Некоторые герои фильма сделали психические расстройства частью своей харизмы и карьеры. Не ведет ли такое отношение к романтизации проблемы?
– Писательство стало неотъемлемой частью восстановления поэтессы Эден Шпильман. В детстве она стала жертвой сексуального насилия, после чего у нее развилась опасная болезнь Крона. Аутоиммунные заболевания характерны для людей, которые пережили посттравму. Некоторые думают, что психосоматические причины заболеваний не могут нанести вред нашему телу, но это заблуждение. Эден говорит: «Мое тело кричало от боли». Когда она уже выросла, вышла замуж и стала матерью, ее госпитализировали с приступом болезни Крона – и ночью ее изнасиловал медбрат. Этот случай пробудил все детские воспоминания, и карточный домик просто развалился. Эден стали преследовать суицидальные мысли, и ее поместили в психиатрическую лечебницу. Только терапевт, которая поощряла Эден активно рассказывать о своей истории, смогла вытащить ее из мыслей о самоубийстве. До этого не находилось ни одного человека, способного дослушать до конца, что ей пришлось пережить. Можно понять мать, которая не в силах все это слышать, но даже профессионалы не могли переступить через себя.
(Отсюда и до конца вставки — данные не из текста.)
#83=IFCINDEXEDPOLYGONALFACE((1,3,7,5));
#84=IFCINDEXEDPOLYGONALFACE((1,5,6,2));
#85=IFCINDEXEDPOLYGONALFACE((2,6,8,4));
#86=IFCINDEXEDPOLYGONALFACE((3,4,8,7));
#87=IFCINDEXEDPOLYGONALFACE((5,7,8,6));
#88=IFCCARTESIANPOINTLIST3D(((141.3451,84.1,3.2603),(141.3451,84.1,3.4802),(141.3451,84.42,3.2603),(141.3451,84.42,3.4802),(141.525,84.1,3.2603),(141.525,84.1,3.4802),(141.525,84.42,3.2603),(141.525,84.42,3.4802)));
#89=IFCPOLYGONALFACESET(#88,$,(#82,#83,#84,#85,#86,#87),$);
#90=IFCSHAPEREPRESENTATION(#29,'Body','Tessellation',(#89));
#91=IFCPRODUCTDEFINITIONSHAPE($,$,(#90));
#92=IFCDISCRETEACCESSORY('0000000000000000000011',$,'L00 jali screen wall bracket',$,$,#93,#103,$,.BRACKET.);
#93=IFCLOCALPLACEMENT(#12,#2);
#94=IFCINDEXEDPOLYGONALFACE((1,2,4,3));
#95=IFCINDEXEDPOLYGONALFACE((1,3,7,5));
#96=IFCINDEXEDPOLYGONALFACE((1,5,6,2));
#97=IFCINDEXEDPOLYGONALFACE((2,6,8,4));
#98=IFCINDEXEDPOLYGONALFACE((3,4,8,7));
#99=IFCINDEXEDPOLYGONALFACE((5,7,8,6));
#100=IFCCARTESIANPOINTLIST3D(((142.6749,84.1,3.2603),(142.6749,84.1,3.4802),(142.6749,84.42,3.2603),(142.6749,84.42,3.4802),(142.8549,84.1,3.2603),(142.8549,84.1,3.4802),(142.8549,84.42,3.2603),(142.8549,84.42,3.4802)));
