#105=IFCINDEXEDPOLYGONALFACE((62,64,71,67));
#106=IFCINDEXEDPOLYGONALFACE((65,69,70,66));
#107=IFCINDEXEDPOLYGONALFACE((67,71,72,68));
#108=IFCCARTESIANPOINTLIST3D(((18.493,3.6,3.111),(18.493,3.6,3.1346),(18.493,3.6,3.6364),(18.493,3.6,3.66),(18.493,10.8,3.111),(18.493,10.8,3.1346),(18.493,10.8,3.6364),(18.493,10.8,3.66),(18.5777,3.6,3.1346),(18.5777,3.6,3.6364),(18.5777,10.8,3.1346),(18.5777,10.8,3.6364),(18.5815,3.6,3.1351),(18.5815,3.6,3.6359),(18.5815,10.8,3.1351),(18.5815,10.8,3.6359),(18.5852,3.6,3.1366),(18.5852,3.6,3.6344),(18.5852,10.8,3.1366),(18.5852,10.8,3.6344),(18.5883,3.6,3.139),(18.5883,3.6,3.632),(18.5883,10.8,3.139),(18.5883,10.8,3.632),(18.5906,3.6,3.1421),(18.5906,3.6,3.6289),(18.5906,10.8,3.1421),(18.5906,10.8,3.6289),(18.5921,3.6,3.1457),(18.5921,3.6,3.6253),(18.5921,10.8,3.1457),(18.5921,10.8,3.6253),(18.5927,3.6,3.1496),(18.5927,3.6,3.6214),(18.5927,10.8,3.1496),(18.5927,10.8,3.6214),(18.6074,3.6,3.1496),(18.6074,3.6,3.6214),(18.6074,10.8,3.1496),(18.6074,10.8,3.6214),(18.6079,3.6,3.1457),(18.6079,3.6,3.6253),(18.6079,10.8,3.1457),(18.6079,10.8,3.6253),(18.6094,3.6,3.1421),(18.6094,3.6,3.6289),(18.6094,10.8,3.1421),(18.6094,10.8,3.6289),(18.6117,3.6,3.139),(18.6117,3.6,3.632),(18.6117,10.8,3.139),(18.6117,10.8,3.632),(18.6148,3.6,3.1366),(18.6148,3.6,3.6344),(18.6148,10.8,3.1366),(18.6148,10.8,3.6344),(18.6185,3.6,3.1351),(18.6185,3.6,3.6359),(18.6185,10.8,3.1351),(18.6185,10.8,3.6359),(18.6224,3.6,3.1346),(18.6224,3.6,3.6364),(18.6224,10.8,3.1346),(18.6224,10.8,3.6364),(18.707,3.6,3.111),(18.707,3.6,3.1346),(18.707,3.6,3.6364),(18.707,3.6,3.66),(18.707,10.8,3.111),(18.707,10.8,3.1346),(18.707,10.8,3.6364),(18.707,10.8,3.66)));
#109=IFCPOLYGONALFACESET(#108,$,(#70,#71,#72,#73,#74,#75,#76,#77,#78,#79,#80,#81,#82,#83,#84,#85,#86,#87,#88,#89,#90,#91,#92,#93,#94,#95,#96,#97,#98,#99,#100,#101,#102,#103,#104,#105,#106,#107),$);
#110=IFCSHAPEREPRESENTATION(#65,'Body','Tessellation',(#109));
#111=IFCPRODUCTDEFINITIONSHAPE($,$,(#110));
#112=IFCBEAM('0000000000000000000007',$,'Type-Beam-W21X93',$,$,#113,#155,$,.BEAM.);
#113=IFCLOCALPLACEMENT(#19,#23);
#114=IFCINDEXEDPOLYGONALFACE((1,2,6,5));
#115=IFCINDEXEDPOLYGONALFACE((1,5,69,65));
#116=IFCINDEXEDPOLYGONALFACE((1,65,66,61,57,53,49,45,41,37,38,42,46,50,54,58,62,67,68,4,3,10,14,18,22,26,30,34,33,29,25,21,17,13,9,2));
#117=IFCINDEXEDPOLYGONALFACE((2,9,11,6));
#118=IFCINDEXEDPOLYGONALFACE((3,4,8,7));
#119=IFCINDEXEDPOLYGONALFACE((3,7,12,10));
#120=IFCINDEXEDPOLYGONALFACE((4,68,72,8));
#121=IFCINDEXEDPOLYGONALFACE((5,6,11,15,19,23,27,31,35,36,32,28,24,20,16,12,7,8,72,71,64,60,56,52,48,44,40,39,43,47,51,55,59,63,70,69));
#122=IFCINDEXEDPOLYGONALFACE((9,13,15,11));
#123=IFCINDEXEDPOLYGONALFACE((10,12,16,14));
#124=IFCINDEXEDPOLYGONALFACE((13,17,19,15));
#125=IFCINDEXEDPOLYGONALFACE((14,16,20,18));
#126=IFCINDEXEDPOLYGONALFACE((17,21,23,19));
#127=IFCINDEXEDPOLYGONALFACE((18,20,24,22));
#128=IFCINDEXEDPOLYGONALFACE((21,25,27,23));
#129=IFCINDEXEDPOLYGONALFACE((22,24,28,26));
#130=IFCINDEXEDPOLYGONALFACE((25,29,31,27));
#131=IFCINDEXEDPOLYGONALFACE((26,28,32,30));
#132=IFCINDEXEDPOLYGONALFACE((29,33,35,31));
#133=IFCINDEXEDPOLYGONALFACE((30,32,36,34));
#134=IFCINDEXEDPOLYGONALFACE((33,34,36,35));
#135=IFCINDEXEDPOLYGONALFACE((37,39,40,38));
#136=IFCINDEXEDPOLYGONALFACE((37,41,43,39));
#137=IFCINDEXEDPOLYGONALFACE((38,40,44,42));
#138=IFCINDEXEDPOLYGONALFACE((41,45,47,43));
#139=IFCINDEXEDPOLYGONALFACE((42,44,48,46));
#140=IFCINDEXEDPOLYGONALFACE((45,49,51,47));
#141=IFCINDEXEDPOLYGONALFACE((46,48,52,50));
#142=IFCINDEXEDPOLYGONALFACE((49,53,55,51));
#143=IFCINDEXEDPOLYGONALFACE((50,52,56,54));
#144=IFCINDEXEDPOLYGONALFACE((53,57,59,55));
Или рассмотрим пример стендап-комика Хагит Гинзбург, которая всю жизнь страдает от легкой формы депрессии. Меня привлекло в ее истории, что она разбивает стереотип о незамужней женщине из Тель-Авива, которая сидит на ципралексе. Депрессия – это не привилегия, это не ее выбор. Если бы она могла, то отказалась бы от своего расстройства, но вынуждена сражаться с ним на протяжении жизни. Смех вытаскивает ее из очень тяжелых периодов. Я понимаю, откуда такой вопрос про романтизацию. И сама спрашивала у Хагит, является ли для нее депрессия источником вдохновения. «Может быть, снаружи это выглядит именно так, – отвечает она. – Но погруженный в это, ты не чувствуешь ничего вдохновляющего».
Один из героев нетрадиционной ориентации во всех подробностях на съемках рассказывал о своих попытках самоубийства. Но мы намеренно при монтаже вырезали эту часть, чтобы не романтизировать ситуацию.
Как мы можем поделить ответственность между человеком и обществом за разрушение стереотипов?
– Само по себе допущение мысли, что стереотипы поддерживает сам человек, а не безликое общество – уже взятие ответственности. Даже у многих психологов и психиатров есть предрассудки по отношению к своим пациентам – они смотрят на психические расстройства как на слабость. Это очень укоренено в нашем обществе. Мы все – носители определенных стереотипов. Одна только способность увидеть и признать это может сильно помочь в борьбе с предрассудками.
Как только я обнаружу в себе склонность думать о человеке, проходящем лечение в психиатрической клинике, как о ком-то, на кого нельзя положиться, я могу остановиться и осознать, что это всего лишь стереотип. После этого осознания я смогу познакомиться с человеком лично, чтобы узнать его лучше. Но как только я начинаю думать, что не подвержен влиянию стереотипов, то тут же теряю критичность мышления. Мне кажется, это и есть ключ. Что касается общества, то задача Министерства здравоохранения в сотрудничестве с Министерством образования – это просвещение широких масс. Может быть, однажды молодое поколение будет относиться к депрессии так же, как и к воспалению легких.